Why did it have to end?
He couldn't do any better than her for a permanent bed partner. She would keep him so completely drained of passion there wouldn't be room in his life for anyone else. And if he married her he wouldn't have to run the risk that had gotten him arrested.
She opened her eyes when he rose and stripped off his own clothing. He picked her up, one arm behind her knees and the other under her shoulders, and carried her into the bedroom. She wrapped her arm around his neck and smiled softly.
"We're even now," she whispered as he stretched out beside her.
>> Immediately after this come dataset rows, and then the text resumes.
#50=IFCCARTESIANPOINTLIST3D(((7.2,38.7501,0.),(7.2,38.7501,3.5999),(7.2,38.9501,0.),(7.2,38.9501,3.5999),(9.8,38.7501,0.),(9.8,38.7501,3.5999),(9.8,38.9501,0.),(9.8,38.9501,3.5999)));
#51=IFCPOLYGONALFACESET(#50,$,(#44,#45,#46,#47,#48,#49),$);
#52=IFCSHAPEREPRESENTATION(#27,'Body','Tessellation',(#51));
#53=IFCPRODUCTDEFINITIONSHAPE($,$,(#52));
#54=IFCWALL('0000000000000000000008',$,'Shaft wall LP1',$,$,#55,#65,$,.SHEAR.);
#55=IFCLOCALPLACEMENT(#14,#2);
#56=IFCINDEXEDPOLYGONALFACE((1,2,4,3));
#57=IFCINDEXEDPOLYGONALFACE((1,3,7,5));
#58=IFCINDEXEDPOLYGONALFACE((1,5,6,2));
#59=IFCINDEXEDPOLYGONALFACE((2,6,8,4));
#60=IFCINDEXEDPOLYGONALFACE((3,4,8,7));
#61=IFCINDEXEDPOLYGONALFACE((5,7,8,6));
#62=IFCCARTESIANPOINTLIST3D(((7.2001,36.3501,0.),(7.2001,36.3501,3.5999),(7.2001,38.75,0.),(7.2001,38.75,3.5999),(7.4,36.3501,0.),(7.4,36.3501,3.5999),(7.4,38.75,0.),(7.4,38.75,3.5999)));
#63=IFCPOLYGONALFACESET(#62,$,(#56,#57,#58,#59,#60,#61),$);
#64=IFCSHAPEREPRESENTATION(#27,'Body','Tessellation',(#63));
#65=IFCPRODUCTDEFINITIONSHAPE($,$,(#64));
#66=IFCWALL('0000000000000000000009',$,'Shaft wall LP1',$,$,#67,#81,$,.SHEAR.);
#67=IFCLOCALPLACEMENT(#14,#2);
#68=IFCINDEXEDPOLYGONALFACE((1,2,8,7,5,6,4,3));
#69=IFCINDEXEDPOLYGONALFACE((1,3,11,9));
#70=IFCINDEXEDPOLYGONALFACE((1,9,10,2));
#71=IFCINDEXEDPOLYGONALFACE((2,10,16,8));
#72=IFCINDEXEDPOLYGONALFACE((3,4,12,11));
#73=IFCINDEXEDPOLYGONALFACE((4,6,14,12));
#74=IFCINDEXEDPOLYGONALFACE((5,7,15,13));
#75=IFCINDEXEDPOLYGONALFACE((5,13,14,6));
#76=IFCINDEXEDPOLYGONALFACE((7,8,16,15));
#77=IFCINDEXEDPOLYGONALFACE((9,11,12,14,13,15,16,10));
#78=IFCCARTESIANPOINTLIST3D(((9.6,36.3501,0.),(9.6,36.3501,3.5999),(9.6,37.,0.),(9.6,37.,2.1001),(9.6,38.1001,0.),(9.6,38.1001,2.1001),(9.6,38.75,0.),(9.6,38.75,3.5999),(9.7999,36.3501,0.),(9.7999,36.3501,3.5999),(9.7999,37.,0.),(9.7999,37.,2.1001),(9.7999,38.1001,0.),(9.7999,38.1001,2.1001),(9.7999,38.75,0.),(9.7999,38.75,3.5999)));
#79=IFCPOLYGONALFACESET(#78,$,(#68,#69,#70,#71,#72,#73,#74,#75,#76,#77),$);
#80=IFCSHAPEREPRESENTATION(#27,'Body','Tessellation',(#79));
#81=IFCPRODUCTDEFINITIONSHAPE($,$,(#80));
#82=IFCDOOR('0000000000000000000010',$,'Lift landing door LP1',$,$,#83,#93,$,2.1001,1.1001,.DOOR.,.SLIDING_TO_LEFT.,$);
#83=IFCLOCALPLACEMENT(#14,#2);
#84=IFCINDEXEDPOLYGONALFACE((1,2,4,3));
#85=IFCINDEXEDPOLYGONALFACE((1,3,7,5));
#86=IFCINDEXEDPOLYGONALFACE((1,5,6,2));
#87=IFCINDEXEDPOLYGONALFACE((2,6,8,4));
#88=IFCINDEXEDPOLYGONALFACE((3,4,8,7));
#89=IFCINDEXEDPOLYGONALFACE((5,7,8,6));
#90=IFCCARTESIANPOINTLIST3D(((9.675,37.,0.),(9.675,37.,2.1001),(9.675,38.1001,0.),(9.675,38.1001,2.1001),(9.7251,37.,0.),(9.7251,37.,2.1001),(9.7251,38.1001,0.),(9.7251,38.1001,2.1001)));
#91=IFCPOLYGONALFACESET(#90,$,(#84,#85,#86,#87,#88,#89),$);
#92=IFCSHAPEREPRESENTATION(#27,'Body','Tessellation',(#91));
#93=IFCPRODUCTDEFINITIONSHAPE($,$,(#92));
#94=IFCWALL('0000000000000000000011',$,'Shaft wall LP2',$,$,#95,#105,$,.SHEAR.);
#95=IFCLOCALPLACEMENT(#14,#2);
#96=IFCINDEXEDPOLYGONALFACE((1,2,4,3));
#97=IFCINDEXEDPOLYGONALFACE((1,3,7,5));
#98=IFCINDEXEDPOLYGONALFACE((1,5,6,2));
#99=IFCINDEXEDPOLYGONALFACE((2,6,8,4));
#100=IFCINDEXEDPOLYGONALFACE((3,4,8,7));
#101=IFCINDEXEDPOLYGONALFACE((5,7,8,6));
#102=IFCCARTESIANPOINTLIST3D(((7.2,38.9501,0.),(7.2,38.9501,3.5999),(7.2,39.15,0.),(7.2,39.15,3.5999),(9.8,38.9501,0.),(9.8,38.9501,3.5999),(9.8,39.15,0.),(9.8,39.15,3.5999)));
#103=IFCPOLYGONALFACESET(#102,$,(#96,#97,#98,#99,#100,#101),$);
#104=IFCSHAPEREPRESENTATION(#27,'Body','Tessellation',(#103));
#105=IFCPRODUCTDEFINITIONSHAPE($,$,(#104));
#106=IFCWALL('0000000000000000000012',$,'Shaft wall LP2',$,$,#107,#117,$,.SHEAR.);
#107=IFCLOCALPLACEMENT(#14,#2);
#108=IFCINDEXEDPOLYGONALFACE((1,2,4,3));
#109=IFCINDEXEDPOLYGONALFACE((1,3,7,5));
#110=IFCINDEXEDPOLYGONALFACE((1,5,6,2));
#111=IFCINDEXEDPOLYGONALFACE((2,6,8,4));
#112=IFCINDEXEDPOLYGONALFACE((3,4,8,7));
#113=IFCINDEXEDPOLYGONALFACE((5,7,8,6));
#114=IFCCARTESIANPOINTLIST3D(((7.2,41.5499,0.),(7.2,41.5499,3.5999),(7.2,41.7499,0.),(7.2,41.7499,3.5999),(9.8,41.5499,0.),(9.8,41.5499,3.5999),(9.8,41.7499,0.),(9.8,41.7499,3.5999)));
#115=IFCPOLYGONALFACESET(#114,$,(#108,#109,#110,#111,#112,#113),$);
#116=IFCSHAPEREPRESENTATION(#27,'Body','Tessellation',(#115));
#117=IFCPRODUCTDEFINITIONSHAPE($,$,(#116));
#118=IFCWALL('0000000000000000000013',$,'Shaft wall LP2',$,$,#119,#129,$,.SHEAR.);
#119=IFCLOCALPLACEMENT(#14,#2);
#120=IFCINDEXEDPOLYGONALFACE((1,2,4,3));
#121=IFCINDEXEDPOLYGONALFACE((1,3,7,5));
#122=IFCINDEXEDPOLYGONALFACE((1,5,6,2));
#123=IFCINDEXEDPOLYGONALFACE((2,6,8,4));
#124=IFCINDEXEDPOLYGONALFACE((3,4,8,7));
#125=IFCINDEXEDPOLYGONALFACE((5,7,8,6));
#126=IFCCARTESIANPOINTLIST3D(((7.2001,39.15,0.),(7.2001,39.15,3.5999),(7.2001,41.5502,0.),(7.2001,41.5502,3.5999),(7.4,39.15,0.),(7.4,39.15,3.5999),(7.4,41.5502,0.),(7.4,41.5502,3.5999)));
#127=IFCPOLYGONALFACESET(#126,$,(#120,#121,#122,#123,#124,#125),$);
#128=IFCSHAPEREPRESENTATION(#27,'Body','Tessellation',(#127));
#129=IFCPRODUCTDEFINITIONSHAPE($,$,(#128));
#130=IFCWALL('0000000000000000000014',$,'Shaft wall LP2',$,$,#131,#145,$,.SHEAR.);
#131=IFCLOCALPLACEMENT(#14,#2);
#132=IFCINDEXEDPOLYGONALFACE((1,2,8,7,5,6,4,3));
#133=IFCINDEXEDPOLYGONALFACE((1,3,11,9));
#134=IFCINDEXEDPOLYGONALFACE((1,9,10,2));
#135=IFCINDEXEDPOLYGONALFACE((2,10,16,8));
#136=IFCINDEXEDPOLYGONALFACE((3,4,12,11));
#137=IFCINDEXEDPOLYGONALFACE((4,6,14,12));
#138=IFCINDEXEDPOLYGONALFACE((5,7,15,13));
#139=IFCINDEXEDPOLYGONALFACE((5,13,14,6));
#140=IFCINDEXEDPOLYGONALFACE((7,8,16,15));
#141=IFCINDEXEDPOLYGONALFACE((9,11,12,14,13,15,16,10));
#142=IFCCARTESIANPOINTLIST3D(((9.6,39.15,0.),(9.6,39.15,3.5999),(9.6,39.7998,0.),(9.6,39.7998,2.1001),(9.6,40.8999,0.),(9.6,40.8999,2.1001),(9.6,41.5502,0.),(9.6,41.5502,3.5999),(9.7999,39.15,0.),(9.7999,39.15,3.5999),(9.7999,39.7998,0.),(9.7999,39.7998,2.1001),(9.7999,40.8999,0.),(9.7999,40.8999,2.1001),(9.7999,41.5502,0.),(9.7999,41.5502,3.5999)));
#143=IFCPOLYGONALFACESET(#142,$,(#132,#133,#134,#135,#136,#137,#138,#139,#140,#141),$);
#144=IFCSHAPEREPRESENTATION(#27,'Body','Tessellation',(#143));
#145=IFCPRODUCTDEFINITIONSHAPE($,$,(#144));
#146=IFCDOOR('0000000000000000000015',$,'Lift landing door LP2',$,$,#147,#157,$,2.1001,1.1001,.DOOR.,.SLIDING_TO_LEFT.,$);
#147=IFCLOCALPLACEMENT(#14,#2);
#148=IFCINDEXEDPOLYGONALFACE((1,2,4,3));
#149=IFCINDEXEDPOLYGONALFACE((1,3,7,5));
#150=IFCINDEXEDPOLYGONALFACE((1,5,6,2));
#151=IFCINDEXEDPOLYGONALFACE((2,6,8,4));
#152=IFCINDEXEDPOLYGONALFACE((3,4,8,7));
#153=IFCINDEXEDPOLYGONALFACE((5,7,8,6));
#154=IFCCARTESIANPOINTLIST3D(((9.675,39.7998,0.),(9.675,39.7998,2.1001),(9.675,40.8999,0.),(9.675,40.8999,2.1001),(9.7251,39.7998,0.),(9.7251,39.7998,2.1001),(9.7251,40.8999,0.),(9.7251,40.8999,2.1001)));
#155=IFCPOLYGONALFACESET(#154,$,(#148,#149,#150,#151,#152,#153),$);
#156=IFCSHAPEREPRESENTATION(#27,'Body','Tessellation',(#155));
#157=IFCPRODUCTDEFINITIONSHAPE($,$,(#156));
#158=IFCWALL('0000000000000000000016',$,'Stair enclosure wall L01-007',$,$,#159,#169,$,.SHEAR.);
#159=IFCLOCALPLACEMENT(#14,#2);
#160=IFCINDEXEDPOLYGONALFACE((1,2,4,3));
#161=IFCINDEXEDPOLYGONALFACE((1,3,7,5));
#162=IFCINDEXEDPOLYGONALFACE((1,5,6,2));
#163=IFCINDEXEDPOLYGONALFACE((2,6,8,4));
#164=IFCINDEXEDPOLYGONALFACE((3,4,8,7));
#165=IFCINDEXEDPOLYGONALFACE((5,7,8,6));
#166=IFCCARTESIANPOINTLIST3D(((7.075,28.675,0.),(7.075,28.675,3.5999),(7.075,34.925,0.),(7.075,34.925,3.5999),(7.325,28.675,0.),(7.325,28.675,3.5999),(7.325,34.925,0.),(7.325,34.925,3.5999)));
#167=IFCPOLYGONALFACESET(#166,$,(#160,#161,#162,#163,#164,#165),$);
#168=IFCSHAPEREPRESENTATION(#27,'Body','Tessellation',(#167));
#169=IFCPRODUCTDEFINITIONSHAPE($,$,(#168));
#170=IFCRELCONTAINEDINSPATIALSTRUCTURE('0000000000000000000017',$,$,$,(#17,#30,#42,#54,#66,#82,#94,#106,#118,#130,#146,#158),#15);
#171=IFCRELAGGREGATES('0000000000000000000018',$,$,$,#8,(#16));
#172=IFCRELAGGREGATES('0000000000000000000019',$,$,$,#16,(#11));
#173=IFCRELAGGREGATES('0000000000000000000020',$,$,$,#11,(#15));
They looked into each other's eyes for a long time and a grin spread slowly over her face.
"I think it's better when we're not even!" she whispered.
"What?"
"If I do that for you again you'll owe me. Then you can again and I'll owe you. Won't that be delightful?"
"Is that any way for a wife to act with her husband?"
She rocked back as though he'd struck her. "Do you mean it? Are you serious?"
"Completely. What do you say?"
"I don't know if I want to marry you if we can't do this to each other. Why don't you try that once more and see if you want to do without that for the rest of your life."
She bent to him and the exquisite pleasure rolled his eyeballs back in his skull. Before they had finished they'd discovered a way to love simultaneously. And when that was over there were lots more things for them to do.
Neither of them went to work that Monday. They didn't even leave the apartment. On Wednesday they took out a marriage license The were married on Friday.
They spent the weekend in unlicensed pleasure..
After six months they should have been sated. The physical thing between them should have faded and they should have grown tired of one another With that as the initial basis for their marriage they should have been seeking a divorce after the first six months.